[Footnote 1: See Hart: Slavery and Abolition, 11 and 117, citing Cutler: Lynch Law, 98-100 and 126-128.]
Extraordinary attention was attracted by the burning in St. Louis in 1835 of a man named McIntosh, who had killed an officer who was trying to arrest him.[1] This event came in the midst of a period of great agitation, and it was for denouncing this lynching that Elijah P. Lovejoy had his printing-office destroyed in St. Louis and was forced to remove to Alton, Ill., where his press was three times destroyed and where he finally met death at the hands of a mob while trying to protect his property November 7, 1837. Judge Lawless defended the lynching and even William Ellery Channing took a compromising view.
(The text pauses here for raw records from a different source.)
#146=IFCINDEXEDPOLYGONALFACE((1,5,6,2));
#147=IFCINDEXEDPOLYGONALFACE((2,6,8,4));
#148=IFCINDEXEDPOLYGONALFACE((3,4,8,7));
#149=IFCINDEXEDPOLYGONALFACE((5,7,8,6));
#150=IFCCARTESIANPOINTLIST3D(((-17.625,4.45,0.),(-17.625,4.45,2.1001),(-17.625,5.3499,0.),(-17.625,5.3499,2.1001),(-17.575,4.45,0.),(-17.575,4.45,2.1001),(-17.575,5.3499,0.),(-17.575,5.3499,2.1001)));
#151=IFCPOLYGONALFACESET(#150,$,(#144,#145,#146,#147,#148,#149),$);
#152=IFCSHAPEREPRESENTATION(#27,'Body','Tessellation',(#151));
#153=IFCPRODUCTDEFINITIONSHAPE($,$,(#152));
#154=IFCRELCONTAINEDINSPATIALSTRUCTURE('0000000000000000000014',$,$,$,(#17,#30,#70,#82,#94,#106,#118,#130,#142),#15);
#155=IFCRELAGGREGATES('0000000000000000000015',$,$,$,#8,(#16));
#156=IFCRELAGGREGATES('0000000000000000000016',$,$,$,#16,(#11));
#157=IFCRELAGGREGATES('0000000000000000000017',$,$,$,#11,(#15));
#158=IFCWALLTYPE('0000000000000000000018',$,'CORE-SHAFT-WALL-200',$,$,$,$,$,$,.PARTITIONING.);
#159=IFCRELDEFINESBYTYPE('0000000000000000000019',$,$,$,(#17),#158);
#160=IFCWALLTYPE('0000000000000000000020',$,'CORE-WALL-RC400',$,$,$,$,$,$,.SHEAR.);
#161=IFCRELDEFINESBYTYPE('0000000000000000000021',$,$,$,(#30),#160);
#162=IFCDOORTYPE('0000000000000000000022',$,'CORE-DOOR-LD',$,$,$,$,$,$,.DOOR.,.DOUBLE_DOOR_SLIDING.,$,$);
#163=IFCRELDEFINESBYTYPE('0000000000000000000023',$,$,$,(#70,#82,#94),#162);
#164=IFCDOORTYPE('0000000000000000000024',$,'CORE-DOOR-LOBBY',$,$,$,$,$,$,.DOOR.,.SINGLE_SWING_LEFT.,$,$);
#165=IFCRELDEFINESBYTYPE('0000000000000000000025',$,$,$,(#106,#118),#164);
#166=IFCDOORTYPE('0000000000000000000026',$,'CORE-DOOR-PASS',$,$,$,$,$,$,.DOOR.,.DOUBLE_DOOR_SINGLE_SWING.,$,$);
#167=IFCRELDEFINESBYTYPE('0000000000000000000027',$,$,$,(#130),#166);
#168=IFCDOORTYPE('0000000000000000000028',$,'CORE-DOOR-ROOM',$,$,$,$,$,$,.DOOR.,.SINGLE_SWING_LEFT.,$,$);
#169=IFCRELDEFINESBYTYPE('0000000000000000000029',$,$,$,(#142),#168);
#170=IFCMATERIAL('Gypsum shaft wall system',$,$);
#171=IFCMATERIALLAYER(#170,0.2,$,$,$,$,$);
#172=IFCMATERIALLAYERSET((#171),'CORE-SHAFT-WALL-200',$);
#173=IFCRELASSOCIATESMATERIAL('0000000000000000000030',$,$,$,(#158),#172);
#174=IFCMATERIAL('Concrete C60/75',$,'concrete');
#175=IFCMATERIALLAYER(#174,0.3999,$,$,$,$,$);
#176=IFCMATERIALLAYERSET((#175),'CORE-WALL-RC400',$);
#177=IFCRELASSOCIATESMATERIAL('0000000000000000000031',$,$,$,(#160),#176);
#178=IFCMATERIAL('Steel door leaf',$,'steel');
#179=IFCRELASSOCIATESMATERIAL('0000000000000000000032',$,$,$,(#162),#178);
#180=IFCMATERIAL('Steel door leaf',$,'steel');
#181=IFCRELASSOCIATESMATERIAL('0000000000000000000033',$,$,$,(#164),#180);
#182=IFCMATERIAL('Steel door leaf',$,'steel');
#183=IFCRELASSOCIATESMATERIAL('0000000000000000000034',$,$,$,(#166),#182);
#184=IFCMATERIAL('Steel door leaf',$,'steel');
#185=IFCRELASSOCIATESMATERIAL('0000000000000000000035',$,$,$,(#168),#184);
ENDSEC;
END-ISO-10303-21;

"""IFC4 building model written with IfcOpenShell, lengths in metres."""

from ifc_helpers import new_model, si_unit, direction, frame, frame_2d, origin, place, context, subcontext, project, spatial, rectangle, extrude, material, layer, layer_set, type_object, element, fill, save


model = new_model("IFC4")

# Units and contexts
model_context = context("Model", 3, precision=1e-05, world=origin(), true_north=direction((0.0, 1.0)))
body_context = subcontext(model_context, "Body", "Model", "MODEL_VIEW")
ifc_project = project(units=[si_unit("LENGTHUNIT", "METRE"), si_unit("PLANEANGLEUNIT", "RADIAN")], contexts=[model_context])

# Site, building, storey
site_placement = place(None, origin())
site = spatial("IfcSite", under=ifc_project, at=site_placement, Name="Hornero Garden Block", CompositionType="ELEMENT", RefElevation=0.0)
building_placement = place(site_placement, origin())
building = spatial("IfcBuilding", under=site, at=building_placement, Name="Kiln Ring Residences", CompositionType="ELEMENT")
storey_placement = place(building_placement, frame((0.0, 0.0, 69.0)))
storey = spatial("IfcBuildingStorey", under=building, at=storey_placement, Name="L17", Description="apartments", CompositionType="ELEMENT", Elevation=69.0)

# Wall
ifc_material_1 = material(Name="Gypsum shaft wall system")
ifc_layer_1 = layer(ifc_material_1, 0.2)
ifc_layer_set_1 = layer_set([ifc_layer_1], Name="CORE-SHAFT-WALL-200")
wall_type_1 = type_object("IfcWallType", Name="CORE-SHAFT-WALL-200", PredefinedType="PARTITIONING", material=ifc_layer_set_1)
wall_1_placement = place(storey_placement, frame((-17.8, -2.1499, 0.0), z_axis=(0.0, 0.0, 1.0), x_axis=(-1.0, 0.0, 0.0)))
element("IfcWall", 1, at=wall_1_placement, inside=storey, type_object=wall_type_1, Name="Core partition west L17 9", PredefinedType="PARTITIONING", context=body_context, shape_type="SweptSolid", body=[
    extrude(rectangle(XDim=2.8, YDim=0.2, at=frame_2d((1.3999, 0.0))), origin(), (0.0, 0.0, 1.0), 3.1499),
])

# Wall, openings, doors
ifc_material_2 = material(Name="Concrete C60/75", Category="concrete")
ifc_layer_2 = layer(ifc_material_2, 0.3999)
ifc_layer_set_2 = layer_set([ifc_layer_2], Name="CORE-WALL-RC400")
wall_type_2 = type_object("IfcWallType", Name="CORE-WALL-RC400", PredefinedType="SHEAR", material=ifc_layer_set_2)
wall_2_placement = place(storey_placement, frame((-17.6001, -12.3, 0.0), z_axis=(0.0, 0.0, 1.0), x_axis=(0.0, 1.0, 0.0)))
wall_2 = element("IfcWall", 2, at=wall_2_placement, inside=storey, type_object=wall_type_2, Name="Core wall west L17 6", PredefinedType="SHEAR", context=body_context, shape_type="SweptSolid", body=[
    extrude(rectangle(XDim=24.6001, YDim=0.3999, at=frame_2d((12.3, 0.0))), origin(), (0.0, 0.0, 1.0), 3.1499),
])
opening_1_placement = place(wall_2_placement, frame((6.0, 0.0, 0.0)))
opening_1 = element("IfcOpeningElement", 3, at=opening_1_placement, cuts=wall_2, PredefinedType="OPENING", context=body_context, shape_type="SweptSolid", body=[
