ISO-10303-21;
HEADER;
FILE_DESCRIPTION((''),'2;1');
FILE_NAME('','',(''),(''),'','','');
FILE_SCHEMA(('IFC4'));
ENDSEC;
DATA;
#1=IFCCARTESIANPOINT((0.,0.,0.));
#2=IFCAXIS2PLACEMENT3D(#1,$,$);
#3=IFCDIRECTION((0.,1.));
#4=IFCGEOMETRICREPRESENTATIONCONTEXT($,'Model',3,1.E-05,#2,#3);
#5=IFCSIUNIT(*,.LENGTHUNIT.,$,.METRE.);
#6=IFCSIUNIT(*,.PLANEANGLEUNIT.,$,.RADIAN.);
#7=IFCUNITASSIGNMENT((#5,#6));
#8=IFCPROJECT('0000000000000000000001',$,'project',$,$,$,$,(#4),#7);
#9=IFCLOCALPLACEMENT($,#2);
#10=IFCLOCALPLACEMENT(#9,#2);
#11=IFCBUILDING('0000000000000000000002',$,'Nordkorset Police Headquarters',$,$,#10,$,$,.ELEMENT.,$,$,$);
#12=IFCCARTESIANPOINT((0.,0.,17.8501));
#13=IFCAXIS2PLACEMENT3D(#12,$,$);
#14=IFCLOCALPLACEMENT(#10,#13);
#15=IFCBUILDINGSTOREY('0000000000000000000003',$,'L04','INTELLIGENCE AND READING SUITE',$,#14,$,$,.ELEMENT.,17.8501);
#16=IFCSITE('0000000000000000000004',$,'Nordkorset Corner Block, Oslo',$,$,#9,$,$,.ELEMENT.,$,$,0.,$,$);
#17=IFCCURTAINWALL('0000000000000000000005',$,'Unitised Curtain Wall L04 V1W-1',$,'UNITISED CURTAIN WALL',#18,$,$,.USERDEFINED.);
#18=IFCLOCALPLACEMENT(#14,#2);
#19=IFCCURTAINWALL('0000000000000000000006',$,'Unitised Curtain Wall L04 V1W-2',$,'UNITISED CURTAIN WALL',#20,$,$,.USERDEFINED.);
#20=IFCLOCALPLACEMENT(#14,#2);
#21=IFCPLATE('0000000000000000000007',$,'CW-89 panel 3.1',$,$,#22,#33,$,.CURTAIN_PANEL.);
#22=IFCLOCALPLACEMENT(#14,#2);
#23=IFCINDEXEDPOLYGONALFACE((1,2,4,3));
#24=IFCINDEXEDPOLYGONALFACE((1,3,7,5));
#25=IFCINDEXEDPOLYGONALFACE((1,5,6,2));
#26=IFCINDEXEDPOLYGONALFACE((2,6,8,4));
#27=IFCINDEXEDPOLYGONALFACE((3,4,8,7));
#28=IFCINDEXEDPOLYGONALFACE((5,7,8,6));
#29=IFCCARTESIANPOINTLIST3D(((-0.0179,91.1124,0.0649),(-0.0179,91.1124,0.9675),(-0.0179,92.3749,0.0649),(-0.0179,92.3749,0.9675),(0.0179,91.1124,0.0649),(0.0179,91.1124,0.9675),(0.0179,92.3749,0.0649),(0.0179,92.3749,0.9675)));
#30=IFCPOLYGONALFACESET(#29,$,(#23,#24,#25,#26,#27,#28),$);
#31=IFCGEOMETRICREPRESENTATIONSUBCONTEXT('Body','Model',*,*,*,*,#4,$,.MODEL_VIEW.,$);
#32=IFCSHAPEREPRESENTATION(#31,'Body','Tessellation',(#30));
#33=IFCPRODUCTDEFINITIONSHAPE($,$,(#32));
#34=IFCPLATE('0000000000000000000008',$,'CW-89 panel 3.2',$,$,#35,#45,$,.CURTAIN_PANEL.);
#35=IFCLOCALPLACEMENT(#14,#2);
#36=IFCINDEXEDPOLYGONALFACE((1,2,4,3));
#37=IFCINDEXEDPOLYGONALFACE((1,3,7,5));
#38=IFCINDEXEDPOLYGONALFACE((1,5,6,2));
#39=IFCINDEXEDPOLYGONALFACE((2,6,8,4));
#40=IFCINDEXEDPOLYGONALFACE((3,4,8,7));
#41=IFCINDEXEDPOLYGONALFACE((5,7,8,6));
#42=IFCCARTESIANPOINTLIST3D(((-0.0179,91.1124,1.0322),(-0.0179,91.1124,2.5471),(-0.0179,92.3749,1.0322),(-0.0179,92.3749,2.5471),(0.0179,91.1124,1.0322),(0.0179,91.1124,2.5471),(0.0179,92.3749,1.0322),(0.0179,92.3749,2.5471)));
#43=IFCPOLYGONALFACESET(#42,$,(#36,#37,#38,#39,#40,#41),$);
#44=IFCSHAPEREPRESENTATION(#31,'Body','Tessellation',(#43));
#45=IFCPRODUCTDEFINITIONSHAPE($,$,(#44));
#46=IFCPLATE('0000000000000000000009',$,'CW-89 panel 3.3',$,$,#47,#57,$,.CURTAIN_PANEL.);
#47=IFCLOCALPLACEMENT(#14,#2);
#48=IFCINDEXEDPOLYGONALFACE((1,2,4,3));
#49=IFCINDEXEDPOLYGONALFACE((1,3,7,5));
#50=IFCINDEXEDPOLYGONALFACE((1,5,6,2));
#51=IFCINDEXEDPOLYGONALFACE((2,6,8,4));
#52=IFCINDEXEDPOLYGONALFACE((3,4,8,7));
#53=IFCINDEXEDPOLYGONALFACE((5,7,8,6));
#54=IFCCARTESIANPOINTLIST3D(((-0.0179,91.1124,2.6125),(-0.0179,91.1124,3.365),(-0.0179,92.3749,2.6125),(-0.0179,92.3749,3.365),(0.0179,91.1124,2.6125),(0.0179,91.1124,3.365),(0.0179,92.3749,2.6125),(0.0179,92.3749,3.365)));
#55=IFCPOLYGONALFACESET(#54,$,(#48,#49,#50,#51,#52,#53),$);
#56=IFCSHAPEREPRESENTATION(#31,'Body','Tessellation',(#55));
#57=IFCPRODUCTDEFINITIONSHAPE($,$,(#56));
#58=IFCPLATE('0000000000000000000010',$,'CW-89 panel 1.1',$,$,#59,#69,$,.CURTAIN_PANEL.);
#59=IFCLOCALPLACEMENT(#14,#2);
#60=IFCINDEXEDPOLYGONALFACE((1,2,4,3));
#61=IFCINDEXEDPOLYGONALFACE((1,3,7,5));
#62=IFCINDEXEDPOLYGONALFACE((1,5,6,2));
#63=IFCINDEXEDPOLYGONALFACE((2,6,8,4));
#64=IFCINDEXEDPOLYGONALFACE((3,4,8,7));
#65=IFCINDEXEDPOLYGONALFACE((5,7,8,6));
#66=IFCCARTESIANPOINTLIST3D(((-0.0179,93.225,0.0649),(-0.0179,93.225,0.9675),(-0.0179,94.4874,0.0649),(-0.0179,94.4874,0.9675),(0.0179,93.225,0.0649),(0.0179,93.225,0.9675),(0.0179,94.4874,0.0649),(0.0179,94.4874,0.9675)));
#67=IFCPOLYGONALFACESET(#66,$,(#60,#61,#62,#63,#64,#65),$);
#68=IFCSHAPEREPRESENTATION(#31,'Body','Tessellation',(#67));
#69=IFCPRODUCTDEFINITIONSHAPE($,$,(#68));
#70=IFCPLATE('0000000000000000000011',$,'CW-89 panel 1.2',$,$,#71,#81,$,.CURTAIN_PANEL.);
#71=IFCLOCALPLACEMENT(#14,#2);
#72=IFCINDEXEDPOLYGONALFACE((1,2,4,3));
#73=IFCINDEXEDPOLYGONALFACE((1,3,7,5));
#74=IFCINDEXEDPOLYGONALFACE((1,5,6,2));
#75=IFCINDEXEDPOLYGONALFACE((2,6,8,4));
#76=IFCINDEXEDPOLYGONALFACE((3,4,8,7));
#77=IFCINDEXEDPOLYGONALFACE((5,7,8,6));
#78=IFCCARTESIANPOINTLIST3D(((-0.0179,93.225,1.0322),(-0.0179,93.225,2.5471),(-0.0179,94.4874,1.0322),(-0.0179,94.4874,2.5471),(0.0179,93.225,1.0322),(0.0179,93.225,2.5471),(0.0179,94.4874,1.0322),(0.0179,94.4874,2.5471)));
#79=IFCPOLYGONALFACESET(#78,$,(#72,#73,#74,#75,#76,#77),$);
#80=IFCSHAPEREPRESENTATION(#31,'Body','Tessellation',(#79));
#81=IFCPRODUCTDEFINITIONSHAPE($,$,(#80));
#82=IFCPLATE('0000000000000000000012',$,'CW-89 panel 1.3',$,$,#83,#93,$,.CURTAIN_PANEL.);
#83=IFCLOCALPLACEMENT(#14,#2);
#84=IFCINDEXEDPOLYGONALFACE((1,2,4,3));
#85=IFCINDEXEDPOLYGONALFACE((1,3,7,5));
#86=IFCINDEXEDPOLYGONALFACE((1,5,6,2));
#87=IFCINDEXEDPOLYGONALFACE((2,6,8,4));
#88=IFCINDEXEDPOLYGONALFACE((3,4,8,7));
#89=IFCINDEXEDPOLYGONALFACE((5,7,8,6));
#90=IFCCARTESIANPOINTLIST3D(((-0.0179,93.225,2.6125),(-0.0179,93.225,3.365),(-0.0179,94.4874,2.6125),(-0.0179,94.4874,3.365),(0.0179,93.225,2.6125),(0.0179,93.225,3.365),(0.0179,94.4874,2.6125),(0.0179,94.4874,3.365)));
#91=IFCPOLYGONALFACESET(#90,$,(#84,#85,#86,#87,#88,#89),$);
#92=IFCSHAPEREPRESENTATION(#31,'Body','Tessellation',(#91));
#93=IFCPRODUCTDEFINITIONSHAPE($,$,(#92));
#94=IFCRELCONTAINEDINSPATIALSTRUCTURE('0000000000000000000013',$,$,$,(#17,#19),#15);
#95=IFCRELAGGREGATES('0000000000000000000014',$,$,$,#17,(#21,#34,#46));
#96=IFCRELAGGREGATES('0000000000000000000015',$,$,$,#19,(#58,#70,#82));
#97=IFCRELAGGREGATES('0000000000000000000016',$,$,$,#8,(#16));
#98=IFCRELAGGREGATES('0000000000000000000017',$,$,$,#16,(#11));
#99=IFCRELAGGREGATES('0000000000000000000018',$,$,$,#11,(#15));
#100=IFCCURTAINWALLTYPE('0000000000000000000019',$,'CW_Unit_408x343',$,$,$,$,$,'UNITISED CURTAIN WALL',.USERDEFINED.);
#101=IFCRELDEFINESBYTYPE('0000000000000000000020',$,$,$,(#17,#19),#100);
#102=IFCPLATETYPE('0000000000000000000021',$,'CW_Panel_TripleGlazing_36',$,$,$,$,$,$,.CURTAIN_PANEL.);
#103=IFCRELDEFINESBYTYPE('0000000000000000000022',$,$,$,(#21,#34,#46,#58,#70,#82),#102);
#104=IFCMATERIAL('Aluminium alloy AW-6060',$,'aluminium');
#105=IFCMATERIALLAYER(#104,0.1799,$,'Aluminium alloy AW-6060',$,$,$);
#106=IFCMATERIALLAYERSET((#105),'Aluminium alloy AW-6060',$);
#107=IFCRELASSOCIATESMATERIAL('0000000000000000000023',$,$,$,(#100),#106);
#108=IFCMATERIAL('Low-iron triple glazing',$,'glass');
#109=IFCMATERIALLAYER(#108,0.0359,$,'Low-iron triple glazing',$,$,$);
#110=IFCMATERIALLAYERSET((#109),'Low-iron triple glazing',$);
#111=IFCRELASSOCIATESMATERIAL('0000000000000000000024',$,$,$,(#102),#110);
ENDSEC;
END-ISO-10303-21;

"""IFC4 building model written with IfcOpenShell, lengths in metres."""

from ifc_helpers import new_model, si_unit, direction, frame, origin, origin_2d, place, context, subcontext, project, spatial, rectangle, extrude, material, layer, layer_set, type_object, element, aggregate, save


model = new_model("IFC4")

# Units and contexts
model_context = context("Model", 3, precision=1e-05, world=origin(), true_north=direction((0.0, 1.0)))
body_context = subcontext(model_context, "Body", "Model", "MODEL_VIEW")
ifc_project = project(units=[si_unit("LENGTHUNIT", "METRE"), si_unit("PLANEANGLEUNIT", "RADIAN")], contexts=[model_context])

# Site, building, storey
site_placement = place(None, origin())
site = spatial("IfcSite", under=ifc_project, at=site_placement, Name="Nordkorset Corner Block, Oslo", CompositionType="ELEMENT", RefElevation=0.0)
building_placement = place(site_placement, origin())
building = spatial("IfcBuilding", under=site, at=building_placement, Name="Nordkorset Police Headquarters", CompositionType="ELEMENT")
storey_placement = place(building_placement, frame((0.0, 0.0, 17.8501)))
storey = spatial("IfcBuildingStorey", under=building, at=storey_placement, Name="L04", Description="INTELLIGENCE AND READING SUITE", CompositionType="ELEMENT", Elevation=17.8501)

# Curtain walls
ifc_material_1 = material(Name="Aluminium alloy AW-6060", Category="aluminium")
ifc_layer_1 = layer(ifc_material_1, 0.1799, Name="Aluminium alloy AW-6060")
ifc_layer_set_1 = layer_set([ifc_layer_1], Name="Aluminium alloy AW-6060")
curtain_wall_type = type_object("IfcCurtainWallType", Name="CW_Unit_408x343", ElementType="UNITISED CURTAIN WALL", PredefinedType="USERDEFINED", material=ifc_layer_set_1)
curtain_wall_1_placement = place(storey_placement, origin())
curtain_wall_1 = element("IfcCurtainWall", 1, at=curtain_wall_1_placement, inside=storey, type_object=curtain_wall_type, Name="Unitised Curtain Wall L04 V1W-1", ObjectType="UNITISED CURTAIN WALL", PredefinedType="USERDEFINED")
curtain_wall_2_placement = place(storey_placement, origin())
curtain_wall_2 = element("IfcCurtainWall", 2, at=curtain_wall_2_placement, inside=storey, type_object=curtain_wall_type, Name="Unitised Curtain Wall L04 V1W-2", ObjectType="UNITISED CURTAIN WALL", PredefinedType="USERDEFINED")

# Plates
ifc_material_2 = material(Name="Low-iron triple glazing", Category="glass")
ifc_layer_2 = layer(ifc_material_2, 0.0359, Name="Low-iron triple glazing")
ifc_layer_set_2 = layer_set([ifc_layer_2], Name="Low-iron triple glazing")
plate_type = type_object("IfcPlateType", Name="CW_Panel_TripleGlazing_36", PredefinedType="CURTAIN_PANEL", material=ifc_layer_set_2)
plate_1_placement = place(storey_placement, frame((0.0, 91.7437, 0.0649), z_axis=(0.0, 0.0, 1.0), x_axis=(0.0, 1.0, 0.0)))
plate_1 = element("IfcPlate", 3, at=plate_1_placement, type_object=plate_type, Name="CW-89 panel 3.1", PredefinedType="CURTAIN_PANEL", context=body_context, shape_type="SweptSolid", body=[
    extrude(rectangle(XDim=1.2625, YDim=0.0359, at=origin_2d()), origin(), (0.0, 0.0, 1.0), 0.9026),
])
plate_2_placement = place(storey_placement, frame((0.0, 91.7437, 1.0322), z_axis=(0.0, 0.0, 1.0), x_axis=(0.0, 1.0, 0.0)))
plate_2 = element("IfcPlate", 4, at=plate_2_placement, type_object=plate_type, Name="CW-89 panel 3.2", PredefinedType="CURTAIN_PANEL", context=body_context, shape_type="SweptSolid", body=[
    extrude(rectangle(XDim=1.2625, YDim=0.0359, at=origin_2d()), origin(), (0.0, 0.0, 1.0), 1.5149),
])
plate_3_placement = place(storey_placement, frame((0.0, 91.7437, 2.6125), z_axis=(0.0, 0.0, 1.0), x_axis=(0.0, 1.0, 0.0)))
plate_3 = element("IfcPlate", 5, at=plate_3_placement, type_object=plate_type, Name="CW-89 panel 3.3", PredefinedType="CURTAIN_PANEL", context=body_context, shape_type="SweptSolid", body=[
    extrude(rectangle(XDim=1.2625, YDim=0.0359, at=origin_2d()), origin(), (0.0, 0.0, 1.0), 0.7524),
])
aggregate(curtain_wall_1, [plate_1, plate_2, plate_3])
plate_4_placement = place(storey_placement, frame((0.0, 93.8562, 0.0649), z_axis=(0.0, 0.0, 1.0), x_axis=(0.0, 1.0, 0.0)))
plate_4 = element("IfcPlate", 6, at=plate_4_placement, type_object=plate_type, Name="CW-89 panel 1.1", PredefinedType="CURTAIN_PANEL", context=body_context, shape_type="SweptSolid", body=[
    extrude(rectangle(XDim=1.2625, YDim=0.0359, at=origin_2d()), origin(), (0.0, 0.0, 1.0), 0.9026),
])
plate_5_placement = place(storey_placement, frame((0.0, 93.8562, 1.0322), z_axis=(0.0, 0.0, 1.0), x_axis=(0.0, 1.0, 0.0)))
plate_5 = element("IfcPlate", 7, at=plate_5_placement, type_object=plate_type, Name="CW-89 panel 1.2", PredefinedType="CURTAIN_PANEL", context=body_context, shape_type="SweptSolid", body=[
    extrude(rectangle(XDim=1.2625, YDim=0.0359, at=origin_2d()), origin(), (0.0, 0.0, 1.0), 1.5149),
])
plate_6_placement = place(storey_placement, frame((0.0, 93.8562, 2.6125), z_axis=(0.0, 0.0, 1.0), x_axis=(0.0, 1.0, 0.0)))
plate_6 = element("IfcPlate", 8, at=plate_6_placement, type_object=plate_type, Name="CW-89 panel 1.3", PredefinedType="CURTAIN_PANEL", context=body_context, shape_type="SweptSolid", body=[
    extrude(rectangle(XDim=1.2625, YDim=0.0359, at=origin_2d()), origin(), (0.0, 0.0, 1.0), 0.7524),
])
aggregate(curtain_wall_2, [plate_4, plate_5, plate_6])

save(model, "model.ifc")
Abraham Lincoln, however, then a very young man, in an address on “The Perpetuation of Our Political Institutions” at Springfield, January 27, 1837, said: “Accounts of outrages committed by mobs form the everyday news of the times. They have pervaded the country from New England to Louisiana; they are neither peculiar to the eternal snows of the former nor the burning suns of the latter; they are not the creatures of climate, neither are they confined to the slaveholding or the nonslaveholding states.... Turn to that horror-striking scene at St. Louis. A single victim only was sacrificed there. This story is very short, and is perhaps the most highly tragic of anything that has ever been witnessed in real life. A mulatto man by the name of McIntosh was seized in the street, dragged to the suburbs of the city, chained to a tree, and actually burned to death; and all within a single hour from the time he had been a free man attending to his own business and at peace with the world.... Such are the effects of mob law, and such are the scenes becoming more and more frequent in this land so lately famed for love of law and order, and the stories of which have even now grown too familiar to attract anything more than an idle remark.”
[Footnote 1: Cutler: Lynch Law, 109, citing Niles’s Register, June 4, 1836.]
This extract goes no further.